Here’s a list of a few things that I think distinguish a PDX from just places where your personal data is stored:
- user-controlled – the user needs to be in control of the data, who has access, and how it is used. Once that data is in my PDX, I make decisions about it. That doesn’t mean the data might not also be somewhere else. For example, data about my purchases from Amazon will certainly be stored at Amazon and not under my control. But I might also be emailing the receipts to a service that parses them and puts the data in my PDX for my use.
- federated – there isn’t one place where your data is stored, but multiple places that the data needs to be able to flow between, in a permissioned way. There’s no center, just a lot of cooperating system with my PDX orchestrating the interactions. While Amazon might not give my PDX access to and control over my transactions, my phone company might provide a PDX-capable contact service where I choose to store my contact information.
- interoperable – various PDX services and brokers have to be able to operate together according to standards to perform their roles. When I take money out of my account at Wells Fargo and deposit it at Chase, I don’t lose part of the value because Chase doesn’t know how to handle some part of the transaction. The monetary system is interoperable with standards and, sometimes, shims that connect it all together.
- semantic – a PDX knows more about the data that it holds than existing data stores do. Consider Dropbox. I can put all kinds of things in my Dropbox, but it’s syntactic, not semantic. By that I mean that if I want to put healthcare data in Dropbox and control who uses it, I create a folder and put the data in it with specific permissions. The fact that there is a folder with a certain name located at a particular place in the folder hierarchy is purely syntactic. In a semantic world, the data itself is tagged as healthcare data and no matter where it is, it’s protected according to the policies I’ve put in place.

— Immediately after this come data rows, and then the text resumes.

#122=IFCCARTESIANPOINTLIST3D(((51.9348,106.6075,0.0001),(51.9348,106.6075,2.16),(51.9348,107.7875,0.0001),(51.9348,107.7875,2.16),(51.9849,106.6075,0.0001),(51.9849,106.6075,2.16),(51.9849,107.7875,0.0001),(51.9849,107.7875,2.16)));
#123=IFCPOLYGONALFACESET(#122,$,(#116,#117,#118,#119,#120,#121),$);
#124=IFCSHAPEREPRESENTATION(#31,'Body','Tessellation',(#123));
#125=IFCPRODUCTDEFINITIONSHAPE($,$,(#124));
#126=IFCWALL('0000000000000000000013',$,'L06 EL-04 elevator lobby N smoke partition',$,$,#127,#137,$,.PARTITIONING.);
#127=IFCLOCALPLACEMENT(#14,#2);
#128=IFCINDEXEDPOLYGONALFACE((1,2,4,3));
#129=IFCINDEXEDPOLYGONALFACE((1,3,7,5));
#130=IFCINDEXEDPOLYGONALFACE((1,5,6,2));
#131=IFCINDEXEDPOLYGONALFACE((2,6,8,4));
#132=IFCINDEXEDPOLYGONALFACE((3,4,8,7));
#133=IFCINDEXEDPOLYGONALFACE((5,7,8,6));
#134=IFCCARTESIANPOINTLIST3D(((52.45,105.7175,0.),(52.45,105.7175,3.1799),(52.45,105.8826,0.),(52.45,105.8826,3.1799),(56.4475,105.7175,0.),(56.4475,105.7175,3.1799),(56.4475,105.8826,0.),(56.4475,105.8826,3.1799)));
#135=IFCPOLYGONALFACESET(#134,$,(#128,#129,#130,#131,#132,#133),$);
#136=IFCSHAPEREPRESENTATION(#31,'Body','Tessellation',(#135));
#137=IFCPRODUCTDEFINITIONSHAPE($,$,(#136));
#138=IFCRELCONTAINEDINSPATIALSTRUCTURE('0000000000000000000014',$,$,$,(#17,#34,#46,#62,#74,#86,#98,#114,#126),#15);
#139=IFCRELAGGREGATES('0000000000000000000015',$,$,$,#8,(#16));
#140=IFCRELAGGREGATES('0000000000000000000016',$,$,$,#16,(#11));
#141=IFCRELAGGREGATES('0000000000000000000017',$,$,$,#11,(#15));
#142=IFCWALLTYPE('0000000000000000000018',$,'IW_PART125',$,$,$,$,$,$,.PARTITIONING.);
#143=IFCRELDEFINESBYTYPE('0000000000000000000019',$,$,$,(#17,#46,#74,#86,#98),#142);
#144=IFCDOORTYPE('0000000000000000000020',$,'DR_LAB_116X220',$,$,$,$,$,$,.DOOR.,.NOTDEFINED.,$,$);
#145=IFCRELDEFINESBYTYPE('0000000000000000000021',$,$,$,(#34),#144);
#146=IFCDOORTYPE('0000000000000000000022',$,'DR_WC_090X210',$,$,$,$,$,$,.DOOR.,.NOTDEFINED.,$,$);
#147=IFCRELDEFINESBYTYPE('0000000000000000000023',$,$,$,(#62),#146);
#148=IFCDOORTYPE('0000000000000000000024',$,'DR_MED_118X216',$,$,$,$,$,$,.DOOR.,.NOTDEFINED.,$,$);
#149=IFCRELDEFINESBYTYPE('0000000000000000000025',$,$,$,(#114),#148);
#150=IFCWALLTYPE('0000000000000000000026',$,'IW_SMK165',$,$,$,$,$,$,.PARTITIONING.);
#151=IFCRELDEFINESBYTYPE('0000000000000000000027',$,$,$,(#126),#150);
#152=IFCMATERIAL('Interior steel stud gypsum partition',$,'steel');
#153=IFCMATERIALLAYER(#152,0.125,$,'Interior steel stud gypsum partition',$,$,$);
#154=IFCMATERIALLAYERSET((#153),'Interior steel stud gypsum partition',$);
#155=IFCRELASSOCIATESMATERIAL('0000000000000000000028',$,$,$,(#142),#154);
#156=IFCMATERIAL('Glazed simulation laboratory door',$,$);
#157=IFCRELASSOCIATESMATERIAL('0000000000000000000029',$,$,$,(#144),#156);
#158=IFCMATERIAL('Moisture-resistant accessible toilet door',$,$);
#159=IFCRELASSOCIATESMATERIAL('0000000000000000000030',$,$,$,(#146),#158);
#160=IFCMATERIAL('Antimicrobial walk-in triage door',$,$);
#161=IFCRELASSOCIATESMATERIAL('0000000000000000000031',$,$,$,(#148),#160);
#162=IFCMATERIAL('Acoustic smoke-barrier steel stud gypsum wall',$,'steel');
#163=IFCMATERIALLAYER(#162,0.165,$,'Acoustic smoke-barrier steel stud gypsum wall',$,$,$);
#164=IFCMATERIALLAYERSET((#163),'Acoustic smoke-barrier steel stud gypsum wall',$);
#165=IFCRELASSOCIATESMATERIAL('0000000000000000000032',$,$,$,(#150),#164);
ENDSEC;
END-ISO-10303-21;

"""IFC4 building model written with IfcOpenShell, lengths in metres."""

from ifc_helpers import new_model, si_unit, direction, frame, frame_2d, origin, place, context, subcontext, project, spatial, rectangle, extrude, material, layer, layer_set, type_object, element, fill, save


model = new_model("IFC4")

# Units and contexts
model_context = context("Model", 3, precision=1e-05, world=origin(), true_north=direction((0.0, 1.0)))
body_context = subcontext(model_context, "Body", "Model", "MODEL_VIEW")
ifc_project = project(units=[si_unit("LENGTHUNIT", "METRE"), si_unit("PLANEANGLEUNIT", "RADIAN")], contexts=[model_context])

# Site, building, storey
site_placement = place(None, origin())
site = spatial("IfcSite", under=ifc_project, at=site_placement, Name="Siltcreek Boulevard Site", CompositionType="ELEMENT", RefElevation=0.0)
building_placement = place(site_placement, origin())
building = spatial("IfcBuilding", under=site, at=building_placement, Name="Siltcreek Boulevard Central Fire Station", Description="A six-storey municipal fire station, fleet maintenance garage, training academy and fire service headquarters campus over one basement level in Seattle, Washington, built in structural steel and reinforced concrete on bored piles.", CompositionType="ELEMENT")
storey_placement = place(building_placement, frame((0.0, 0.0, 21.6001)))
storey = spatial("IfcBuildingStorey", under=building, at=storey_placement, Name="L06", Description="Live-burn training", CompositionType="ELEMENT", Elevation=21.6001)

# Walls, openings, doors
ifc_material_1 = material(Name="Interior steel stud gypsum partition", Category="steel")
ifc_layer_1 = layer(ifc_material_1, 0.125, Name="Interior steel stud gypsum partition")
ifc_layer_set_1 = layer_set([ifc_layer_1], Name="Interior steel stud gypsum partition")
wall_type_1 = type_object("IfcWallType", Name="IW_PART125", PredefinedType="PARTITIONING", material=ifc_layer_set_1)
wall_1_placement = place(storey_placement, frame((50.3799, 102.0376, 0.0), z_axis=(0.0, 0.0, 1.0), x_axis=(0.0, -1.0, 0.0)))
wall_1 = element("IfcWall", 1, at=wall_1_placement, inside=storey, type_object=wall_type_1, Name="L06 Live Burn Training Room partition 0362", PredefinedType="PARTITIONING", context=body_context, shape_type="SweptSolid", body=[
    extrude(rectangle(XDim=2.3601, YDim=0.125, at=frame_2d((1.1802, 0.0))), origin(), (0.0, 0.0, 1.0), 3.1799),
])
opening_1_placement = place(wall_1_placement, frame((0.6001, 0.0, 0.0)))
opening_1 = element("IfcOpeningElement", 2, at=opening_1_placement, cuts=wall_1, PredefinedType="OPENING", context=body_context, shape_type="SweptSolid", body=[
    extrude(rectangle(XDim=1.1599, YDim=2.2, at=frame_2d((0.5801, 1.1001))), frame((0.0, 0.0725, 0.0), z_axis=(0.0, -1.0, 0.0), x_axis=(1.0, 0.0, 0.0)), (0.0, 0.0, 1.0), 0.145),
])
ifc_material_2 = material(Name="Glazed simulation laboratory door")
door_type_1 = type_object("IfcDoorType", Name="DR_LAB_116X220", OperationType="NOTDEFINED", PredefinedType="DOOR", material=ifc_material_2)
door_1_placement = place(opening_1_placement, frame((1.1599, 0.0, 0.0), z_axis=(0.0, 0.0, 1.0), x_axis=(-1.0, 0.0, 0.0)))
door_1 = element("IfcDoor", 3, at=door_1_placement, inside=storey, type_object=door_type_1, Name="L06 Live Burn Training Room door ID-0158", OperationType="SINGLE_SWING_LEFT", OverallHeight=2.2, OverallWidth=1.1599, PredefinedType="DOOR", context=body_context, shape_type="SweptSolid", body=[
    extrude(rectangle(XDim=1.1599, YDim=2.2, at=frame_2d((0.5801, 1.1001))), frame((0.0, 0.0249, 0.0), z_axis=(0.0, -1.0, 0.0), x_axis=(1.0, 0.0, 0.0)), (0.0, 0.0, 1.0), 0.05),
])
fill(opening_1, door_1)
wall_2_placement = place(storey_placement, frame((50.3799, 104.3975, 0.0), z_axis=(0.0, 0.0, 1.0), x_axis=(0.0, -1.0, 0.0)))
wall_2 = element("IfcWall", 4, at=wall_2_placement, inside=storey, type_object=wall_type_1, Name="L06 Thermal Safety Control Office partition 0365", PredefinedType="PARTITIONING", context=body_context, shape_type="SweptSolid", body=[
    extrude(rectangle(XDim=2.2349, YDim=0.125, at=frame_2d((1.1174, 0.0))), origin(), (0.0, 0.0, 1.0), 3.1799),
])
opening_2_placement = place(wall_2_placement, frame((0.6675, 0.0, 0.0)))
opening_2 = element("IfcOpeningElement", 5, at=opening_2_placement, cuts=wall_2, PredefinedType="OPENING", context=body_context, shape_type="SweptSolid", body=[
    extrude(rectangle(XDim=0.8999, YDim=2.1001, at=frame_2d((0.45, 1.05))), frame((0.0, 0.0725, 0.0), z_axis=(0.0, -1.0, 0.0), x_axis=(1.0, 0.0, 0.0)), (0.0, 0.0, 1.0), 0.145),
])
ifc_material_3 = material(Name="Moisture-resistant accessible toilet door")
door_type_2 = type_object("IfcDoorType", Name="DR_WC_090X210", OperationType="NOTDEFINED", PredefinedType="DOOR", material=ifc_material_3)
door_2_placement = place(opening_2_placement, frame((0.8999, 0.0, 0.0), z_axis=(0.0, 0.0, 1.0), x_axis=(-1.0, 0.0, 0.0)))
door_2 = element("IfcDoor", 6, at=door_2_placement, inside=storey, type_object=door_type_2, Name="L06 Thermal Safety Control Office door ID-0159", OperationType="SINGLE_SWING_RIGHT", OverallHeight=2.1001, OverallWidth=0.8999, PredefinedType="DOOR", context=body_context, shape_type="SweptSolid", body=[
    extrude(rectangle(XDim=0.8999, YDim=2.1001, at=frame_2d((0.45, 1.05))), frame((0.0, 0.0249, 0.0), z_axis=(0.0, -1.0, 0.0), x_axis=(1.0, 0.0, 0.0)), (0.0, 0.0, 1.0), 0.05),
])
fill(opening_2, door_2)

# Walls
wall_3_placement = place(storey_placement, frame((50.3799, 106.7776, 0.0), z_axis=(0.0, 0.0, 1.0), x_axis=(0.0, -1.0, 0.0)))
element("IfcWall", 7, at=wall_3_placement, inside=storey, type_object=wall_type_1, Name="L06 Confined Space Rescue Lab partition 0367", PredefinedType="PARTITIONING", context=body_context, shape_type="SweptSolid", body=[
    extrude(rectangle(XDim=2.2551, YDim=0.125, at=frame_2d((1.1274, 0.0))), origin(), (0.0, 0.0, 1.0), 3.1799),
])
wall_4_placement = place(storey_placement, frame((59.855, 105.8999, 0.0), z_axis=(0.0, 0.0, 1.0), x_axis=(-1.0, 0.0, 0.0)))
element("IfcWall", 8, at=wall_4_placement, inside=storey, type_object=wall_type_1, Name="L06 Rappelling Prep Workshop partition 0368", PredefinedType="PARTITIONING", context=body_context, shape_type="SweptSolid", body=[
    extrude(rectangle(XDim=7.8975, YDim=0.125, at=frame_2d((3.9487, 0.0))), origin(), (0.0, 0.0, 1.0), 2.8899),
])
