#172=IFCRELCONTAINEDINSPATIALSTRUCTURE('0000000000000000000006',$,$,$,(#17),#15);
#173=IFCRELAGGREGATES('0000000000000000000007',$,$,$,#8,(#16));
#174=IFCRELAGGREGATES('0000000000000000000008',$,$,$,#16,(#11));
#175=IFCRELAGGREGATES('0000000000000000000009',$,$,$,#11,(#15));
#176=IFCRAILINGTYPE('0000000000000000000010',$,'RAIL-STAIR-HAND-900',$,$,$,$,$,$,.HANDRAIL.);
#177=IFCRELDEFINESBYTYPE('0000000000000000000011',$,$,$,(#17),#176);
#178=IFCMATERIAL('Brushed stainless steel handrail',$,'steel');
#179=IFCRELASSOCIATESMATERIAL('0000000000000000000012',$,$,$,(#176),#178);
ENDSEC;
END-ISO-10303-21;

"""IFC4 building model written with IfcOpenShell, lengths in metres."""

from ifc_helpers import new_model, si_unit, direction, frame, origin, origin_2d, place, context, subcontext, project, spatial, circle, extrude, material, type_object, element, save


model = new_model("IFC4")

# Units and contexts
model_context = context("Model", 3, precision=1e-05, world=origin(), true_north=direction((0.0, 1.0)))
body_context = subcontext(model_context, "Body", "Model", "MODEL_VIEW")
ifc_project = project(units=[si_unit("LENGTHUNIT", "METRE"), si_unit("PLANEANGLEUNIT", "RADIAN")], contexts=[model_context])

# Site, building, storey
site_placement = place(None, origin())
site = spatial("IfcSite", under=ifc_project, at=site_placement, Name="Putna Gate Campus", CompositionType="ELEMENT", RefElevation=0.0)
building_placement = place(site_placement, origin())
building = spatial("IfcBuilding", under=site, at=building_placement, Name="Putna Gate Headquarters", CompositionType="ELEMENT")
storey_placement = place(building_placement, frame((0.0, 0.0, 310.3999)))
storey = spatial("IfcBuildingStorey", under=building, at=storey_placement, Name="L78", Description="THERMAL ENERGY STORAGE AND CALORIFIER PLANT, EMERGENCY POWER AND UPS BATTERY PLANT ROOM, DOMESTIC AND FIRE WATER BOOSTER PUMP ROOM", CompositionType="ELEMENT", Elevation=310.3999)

- portability – a PDX doesn’t trap data in proprietary formats. If my phone company is storing my contact data in the cloud and I decide that I want to move it to my own server or another service, I can—from a technical as well as a policy standpoint. Note that this doesn’t mean we have to wait until thousands upon thousands of data format specification get hammered out. Semantic metadata can provide a means of translating from one format to another.
- metadata management – one of the primary roles of the PDX is managing data about my data. What are the roles I’ve created? What permissions have I granted as exceptions to the defaults? What semantics surround the various data fields? What data sharing, encoding, and encrypting policies have I created? All of this has to be kept and managed in my behalf in the PDX.
- broker services – the PDX is a place where the user manages a federated network of data stores. As an example of why this is important, consider the shortcomings of OAuth. If I use an application that needs access to four OAuth mediated APIs, I have to go through the OAuth ceremnoy with each API provider separately. Now consider that I might have dozens of apps that use a popular API. I have to go through the OAuth ceremony for each of them separately. In short a broker saves us from the N x M explosion of permissioning ceremonies. Similarly for various data services.
- discoverable – a PDX should provide discoverability for its APIs and schemas so that any application I’m interested in knows how to interact with it. Discoverability protects users from having to completely specify addresses, mappings, and schemas to every application that comes along.
- automatable and scriptable – a PDX without automation is worse than no PDX at all because it burdens the user rather than saving effort. A PDX will be a player in a larger ecosystem of services. I don’t see is as a mere API that allows services and applications to GET and PUT data—it’s not WEBDAV on steoids. The PDX is an active participant in the greater ecosystem of services that are cooperating on the user’s behalf.